The Ontario government has made it quite difficult to ignore or avoid paying a traffic ticket.

If the ticket was issued by a red-light camera, the infraction notice will outline when the ticket is due. Failure to pay the ticket by that date will result in a conviction being automatically filed against you and a surcharge being added to the total amount due. Failure in paying this newly revised amount within the number of days outlined in the reminder notice will place you in default. By being in default, the province will not allow the owner of the vehicle to renew their license plate without paying the total fine amount and any surcharges applied.

If the ticket was issued by a police officer, the same process applies, however, if you fail to pay the infraction after a courtesy notice is sent, your driver’s license will be suspended. At that point, not only will you have to pay the fine in order to legally drive in Ontario, but a reinstatement fee will also be added to the balance due.

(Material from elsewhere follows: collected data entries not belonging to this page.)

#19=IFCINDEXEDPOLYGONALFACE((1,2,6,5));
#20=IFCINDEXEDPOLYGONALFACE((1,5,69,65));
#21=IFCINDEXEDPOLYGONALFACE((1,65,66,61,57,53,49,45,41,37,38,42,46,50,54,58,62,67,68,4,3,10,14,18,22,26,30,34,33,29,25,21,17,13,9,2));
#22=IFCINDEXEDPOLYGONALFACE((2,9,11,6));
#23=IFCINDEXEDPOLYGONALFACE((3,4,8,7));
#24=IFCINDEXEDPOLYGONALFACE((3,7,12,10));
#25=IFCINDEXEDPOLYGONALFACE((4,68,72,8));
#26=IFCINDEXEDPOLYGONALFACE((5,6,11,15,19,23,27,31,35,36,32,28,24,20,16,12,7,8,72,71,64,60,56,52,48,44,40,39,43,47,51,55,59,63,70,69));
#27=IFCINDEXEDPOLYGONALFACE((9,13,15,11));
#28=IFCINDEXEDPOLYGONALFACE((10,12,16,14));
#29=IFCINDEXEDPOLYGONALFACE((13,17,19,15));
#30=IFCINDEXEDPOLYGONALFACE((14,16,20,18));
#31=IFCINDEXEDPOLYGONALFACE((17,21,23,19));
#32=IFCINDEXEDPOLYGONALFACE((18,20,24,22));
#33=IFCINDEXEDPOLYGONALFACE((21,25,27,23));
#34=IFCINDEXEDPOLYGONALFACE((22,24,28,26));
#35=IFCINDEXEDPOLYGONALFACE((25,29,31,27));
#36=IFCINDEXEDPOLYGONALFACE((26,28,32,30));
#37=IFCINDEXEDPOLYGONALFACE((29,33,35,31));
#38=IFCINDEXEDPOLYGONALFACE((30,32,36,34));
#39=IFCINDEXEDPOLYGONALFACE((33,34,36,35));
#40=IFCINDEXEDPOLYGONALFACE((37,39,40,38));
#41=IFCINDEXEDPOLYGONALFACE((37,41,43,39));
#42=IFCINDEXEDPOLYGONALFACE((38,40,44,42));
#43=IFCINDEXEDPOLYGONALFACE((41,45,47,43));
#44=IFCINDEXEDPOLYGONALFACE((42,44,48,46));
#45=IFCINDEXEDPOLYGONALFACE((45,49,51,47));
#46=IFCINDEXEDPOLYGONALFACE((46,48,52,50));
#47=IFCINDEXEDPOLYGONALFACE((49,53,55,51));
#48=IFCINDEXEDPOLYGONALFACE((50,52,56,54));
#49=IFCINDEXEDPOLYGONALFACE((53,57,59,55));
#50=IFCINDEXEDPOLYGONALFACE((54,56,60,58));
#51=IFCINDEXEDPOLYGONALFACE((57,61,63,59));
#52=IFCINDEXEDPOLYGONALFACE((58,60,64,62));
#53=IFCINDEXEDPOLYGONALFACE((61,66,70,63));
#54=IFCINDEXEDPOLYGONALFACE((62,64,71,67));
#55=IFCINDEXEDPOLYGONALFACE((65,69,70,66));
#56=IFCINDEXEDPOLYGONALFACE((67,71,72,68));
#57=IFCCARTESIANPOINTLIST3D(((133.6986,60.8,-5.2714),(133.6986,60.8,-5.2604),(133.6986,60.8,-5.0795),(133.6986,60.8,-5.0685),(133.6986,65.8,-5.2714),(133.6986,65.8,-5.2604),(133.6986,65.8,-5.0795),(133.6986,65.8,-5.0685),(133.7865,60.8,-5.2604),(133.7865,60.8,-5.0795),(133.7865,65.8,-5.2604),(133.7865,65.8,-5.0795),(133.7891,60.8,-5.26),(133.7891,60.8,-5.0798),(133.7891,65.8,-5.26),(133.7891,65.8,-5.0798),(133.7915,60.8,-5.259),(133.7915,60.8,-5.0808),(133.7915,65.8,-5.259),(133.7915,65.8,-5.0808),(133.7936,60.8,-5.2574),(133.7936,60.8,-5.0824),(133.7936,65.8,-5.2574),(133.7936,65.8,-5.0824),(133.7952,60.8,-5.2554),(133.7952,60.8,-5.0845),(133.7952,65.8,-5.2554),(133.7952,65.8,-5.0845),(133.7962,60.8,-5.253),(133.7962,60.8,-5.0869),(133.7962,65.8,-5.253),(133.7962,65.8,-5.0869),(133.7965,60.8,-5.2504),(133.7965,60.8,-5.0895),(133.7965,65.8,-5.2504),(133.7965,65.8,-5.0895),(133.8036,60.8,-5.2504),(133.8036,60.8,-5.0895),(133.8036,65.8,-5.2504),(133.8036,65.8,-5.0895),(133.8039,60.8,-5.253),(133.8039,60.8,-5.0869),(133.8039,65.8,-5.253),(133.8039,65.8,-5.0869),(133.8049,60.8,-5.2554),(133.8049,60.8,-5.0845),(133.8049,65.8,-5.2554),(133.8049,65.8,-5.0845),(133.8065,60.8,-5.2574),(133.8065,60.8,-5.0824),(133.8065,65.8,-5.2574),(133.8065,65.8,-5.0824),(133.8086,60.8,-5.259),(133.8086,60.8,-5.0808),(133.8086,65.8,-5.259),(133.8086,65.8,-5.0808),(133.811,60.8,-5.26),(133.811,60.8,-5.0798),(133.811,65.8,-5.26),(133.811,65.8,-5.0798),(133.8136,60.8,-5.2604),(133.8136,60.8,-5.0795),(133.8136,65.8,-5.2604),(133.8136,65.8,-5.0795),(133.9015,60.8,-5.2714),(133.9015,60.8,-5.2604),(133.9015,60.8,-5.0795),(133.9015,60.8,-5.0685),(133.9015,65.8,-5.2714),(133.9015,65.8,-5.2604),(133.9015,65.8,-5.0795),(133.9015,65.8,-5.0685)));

In both types of red-light tickets, the municipality may also impose a garnishment on your salary, freeze your bank accounts or even have your property seized and sold to pay off the outstanding amount.


How long does a red-light ticket stay on your record in Ontario?

Unlike red-light camera tickets, all provincial traffic convictions (issued in-person, by a police officer) remain on your driving record for a period of three years following conviction.

Red light tickets in Ontario are not something anyone wants to experience. They are costly and could affect your insurance premium. As always, driving safely is the best way to avoid any type of traffic ticket.